La nouvelle de la tentative d’assassinat se répand rapidement.

“Attentat raté contre De Gaulle” écrit l’AFP dans un premier “flash” à 20h55.

Une autre suit : « Des coups de feu ont été tirés peu après 20 heures contre la voiture du général De Gaulle près de Villacoublay. Personne n’a été touché ».

Plus tard, il apparaît qu’un homme roulant en sens inverse a été touché à la main par une balle perdue mais seulement légèrement blessé.

Le cerveau exécuté

La chasse aux coupables est rapide et efficace, l’un des suspects révélant toute l’opération après son arrestation.

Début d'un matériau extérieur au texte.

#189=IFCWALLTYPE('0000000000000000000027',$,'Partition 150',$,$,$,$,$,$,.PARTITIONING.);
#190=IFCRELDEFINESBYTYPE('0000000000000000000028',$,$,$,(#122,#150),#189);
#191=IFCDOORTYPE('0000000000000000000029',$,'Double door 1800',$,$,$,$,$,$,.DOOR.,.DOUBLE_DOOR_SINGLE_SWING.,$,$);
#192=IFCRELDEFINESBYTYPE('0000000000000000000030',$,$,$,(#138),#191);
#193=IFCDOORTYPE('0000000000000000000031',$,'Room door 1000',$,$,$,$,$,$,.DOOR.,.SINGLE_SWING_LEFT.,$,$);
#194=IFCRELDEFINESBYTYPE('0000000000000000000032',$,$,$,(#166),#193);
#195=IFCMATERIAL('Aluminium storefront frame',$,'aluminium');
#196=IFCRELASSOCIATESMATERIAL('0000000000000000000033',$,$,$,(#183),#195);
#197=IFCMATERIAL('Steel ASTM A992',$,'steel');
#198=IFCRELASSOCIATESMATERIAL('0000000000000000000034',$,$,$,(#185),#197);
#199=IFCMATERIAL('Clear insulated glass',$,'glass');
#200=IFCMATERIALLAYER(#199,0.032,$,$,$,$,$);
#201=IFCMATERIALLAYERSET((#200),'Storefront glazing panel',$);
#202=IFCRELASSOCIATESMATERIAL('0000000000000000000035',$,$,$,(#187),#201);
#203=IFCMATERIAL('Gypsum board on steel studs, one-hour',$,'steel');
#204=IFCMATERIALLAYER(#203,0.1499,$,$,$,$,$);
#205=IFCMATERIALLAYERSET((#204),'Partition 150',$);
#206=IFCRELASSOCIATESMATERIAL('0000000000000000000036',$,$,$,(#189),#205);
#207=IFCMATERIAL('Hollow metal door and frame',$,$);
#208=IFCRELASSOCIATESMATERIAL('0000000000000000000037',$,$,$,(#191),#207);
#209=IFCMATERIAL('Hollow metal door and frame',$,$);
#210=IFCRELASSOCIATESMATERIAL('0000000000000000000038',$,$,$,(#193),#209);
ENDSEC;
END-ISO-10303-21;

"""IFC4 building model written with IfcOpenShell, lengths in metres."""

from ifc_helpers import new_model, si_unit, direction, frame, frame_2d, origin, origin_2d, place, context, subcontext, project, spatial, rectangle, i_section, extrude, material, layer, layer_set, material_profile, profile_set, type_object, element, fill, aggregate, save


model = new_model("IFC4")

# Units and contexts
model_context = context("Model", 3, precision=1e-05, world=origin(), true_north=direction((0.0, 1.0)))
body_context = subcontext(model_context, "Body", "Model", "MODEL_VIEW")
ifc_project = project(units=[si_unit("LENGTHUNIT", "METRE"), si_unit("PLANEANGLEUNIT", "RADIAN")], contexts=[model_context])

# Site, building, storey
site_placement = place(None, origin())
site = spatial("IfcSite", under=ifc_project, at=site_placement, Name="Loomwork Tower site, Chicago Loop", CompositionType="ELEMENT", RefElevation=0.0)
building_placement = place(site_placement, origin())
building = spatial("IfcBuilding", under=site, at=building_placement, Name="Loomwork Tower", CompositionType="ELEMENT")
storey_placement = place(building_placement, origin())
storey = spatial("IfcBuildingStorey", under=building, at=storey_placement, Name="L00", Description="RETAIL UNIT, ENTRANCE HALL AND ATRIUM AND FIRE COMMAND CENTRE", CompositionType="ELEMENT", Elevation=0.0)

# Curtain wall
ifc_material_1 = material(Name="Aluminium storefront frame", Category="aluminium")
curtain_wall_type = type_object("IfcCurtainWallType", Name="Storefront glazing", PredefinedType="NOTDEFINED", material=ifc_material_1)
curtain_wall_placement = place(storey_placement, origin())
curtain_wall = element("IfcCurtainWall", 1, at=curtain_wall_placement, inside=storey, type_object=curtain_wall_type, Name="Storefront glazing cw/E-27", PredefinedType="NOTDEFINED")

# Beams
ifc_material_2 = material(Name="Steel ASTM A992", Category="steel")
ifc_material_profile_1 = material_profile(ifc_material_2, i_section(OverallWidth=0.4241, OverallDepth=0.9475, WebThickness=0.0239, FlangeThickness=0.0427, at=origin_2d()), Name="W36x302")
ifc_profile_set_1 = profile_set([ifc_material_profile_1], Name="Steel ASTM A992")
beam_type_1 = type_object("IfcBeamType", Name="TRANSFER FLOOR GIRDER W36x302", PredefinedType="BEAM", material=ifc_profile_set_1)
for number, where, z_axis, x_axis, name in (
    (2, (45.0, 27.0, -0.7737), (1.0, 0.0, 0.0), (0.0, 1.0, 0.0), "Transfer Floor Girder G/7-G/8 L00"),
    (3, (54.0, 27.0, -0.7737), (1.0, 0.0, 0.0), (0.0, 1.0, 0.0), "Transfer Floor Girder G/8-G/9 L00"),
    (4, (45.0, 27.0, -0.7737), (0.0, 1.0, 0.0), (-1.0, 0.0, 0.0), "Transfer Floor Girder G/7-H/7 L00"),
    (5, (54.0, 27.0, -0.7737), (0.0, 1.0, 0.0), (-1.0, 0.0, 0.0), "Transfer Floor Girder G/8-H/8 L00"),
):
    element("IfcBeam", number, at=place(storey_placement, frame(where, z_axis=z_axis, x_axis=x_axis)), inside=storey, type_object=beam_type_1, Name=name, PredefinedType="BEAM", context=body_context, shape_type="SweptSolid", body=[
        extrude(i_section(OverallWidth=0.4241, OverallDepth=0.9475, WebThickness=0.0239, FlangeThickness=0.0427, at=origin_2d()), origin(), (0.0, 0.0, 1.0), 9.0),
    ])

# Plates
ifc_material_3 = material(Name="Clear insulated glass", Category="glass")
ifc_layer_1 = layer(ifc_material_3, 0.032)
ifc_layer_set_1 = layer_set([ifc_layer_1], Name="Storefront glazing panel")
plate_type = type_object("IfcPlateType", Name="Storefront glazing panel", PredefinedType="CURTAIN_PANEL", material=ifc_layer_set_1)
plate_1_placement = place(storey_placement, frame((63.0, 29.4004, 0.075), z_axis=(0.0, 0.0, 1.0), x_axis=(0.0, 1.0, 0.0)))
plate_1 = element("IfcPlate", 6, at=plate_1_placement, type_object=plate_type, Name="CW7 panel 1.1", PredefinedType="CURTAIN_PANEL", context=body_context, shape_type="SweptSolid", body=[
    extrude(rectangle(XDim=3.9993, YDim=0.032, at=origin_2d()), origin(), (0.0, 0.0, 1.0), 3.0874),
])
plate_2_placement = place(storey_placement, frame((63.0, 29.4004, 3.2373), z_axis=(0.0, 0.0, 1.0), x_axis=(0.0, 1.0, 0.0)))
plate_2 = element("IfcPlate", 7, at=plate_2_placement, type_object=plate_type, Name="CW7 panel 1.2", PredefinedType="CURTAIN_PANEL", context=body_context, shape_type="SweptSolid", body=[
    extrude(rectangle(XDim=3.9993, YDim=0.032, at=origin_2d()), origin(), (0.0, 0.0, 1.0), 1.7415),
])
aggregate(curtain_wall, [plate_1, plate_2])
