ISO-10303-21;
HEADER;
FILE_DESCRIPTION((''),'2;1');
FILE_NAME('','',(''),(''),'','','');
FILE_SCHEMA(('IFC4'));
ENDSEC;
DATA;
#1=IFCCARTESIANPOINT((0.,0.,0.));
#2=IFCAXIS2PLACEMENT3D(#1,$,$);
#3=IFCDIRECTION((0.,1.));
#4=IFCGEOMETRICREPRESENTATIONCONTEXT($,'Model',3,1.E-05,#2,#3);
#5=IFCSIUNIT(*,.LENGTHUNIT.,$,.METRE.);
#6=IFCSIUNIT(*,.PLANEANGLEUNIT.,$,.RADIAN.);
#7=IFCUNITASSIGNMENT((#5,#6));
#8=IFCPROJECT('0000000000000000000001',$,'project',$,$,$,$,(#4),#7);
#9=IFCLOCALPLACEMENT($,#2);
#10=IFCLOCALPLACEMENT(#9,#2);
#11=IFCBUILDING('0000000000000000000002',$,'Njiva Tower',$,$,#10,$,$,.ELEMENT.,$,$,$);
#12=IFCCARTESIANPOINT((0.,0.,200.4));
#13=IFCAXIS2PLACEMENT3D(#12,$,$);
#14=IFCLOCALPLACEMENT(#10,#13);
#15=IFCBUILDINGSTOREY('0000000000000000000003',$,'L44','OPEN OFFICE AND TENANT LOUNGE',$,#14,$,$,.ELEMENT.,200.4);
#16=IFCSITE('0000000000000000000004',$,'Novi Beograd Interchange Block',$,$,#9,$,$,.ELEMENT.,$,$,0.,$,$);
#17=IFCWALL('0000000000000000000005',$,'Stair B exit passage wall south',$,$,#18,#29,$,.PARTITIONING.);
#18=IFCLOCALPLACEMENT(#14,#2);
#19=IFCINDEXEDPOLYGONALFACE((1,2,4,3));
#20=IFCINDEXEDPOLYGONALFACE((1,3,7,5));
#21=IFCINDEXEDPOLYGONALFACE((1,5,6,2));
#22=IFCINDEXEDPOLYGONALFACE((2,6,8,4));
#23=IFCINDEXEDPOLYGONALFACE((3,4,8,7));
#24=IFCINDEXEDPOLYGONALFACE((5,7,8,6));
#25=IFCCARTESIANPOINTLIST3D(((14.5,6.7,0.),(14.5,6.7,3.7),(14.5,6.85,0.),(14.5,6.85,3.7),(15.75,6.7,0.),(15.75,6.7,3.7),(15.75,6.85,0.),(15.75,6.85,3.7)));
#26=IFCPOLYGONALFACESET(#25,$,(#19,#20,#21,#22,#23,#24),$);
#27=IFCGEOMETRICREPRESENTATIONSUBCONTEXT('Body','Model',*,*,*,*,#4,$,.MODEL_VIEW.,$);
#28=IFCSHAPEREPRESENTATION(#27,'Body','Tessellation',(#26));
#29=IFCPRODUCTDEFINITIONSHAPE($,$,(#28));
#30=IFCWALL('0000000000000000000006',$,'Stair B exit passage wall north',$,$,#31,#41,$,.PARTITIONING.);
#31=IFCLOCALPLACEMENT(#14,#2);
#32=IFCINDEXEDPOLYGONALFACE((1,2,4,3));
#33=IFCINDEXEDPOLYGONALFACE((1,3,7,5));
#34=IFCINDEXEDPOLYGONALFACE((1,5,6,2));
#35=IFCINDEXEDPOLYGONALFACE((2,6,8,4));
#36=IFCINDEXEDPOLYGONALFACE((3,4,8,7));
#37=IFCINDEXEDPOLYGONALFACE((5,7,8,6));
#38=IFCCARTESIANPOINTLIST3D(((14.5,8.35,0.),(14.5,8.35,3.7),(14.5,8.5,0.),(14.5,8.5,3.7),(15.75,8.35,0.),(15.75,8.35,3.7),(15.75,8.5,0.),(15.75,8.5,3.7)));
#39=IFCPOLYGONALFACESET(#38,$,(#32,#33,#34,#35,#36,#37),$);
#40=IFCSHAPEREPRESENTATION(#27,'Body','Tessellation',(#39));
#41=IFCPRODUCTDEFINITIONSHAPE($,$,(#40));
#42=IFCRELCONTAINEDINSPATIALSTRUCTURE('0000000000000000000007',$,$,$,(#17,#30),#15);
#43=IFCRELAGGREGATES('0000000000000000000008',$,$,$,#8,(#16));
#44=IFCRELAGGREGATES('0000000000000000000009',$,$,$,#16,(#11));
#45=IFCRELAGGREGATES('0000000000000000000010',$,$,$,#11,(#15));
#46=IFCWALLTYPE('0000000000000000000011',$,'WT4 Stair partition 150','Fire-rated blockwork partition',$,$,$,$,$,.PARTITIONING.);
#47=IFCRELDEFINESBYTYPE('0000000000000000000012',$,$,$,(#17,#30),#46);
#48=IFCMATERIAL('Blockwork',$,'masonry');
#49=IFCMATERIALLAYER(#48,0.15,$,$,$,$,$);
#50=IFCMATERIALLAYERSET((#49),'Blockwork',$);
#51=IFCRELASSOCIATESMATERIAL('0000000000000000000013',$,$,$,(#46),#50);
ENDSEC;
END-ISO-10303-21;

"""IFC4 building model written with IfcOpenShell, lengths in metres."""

from ifc_helpers import new_model, si_unit, direction, frame, frame_2d, origin, place, context, subcontext, project, spatial, rectangle, extrude, material, layer, layer_set, type_object, element, save


model = new_model("IFC4")

# Units and contexts
model_context = context("Model", 3, precision=1e-05, world=origin(), true_north=direction((0.0, 1.0)))
body_context = subcontext(model_context, "Body", "Model", "MODEL_VIEW")
ifc_project = project(units=[si_unit("LENGTHUNIT", "METRE"), si_unit("PLANEANGLEUNIT", "RADIAN")], contexts=[model_context])

# Site, building, storey
site_placement = place(None, origin())
site = spatial("IfcSite", under=ifc_project, at=site_placement, Name="Novi Beograd Interchange Block", CompositionType="ELEMENT", RefElevation=0.0)
building_placement = place(site_placement, origin())
building = spatial("IfcBuilding", under=site, at=building_placement, Name="Njiva Tower", CompositionType="ELEMENT")
storey_placement = place(building_placement, frame((0.0, 0.0, 200.4)))
storey = spatial("IfcBuildingStorey", under=building, at=storey_placement, Name="L44", Description="OPEN OFFICE AND TENANT LOUNGE", CompositionType="ELEMENT", Elevation=200.4)

# Shared definitions
ifc_material_1 = material(Name="Blockwork", Category="masonry")

# Walls
ifc_layer_1 = layer(ifc_material_1, 0.15)
ifc_layer_set_1 = layer_set([ifc_layer_1], Name="Blockwork")
wall_type_1 = type_object("IfcWallType", Name="WT4 Stair partition 150", Description="Fire-rated blockwork partition", PredefinedType="PARTITIONING", material=ifc_layer_set_1)
for number, where, z_axis, x_axis, name in (
    (1, (14.5, 6.775, 0.0), (0.0, 0.0, 1.0), (1.0, 0.0, 0.0), "Stair B exit passage wall south"),
    (2, (14.5, 8.425, 0.0), (0.0, 0.0, 1.0), (1.0, 0.0, 0.0), "Stair B exit passage wall north"),
):
    element("IfcWall", number, at=place(storey_placement, frame(where, z_axis=z_axis, x_axis=x_axis)), inside=storey, type_object=wall_type_1, Name=name, PredefinedType="PARTITIONING", context=body_context, shape_type="SweptSolid", body=[
        extrude(rectangle(XDim=1.25, YDim=0.15, at=frame_2d((0.625, 0.0))), origin(), (0.0, 0.0, 1.0), 3.7),
    ])

save(model, "model.ifc")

Presque toutes les personnes impliquées sont prises, y compris Bastien-Thiry. Neuf hommes sont jugés, dont trois sont condamnés à mort.

De Gaulle gracie deux d’entre eux mais refuse la clémence pour Bastien-Thiry, qui est la dernière personne à être exécutée par peloton d’exécution en France le 11 mars 1963 à l’âge de 35 ans.

Toujours stratège, De Gaulle exploite l’indignation du public face à l’attaque pour renforcer le soutien à un amendement constitutionnel visant à faire élire le président par vote populaire plutôt que par un collège électoral.

L’attaque qu’il confie à l’un de ses ministres est venue « au bon moment ».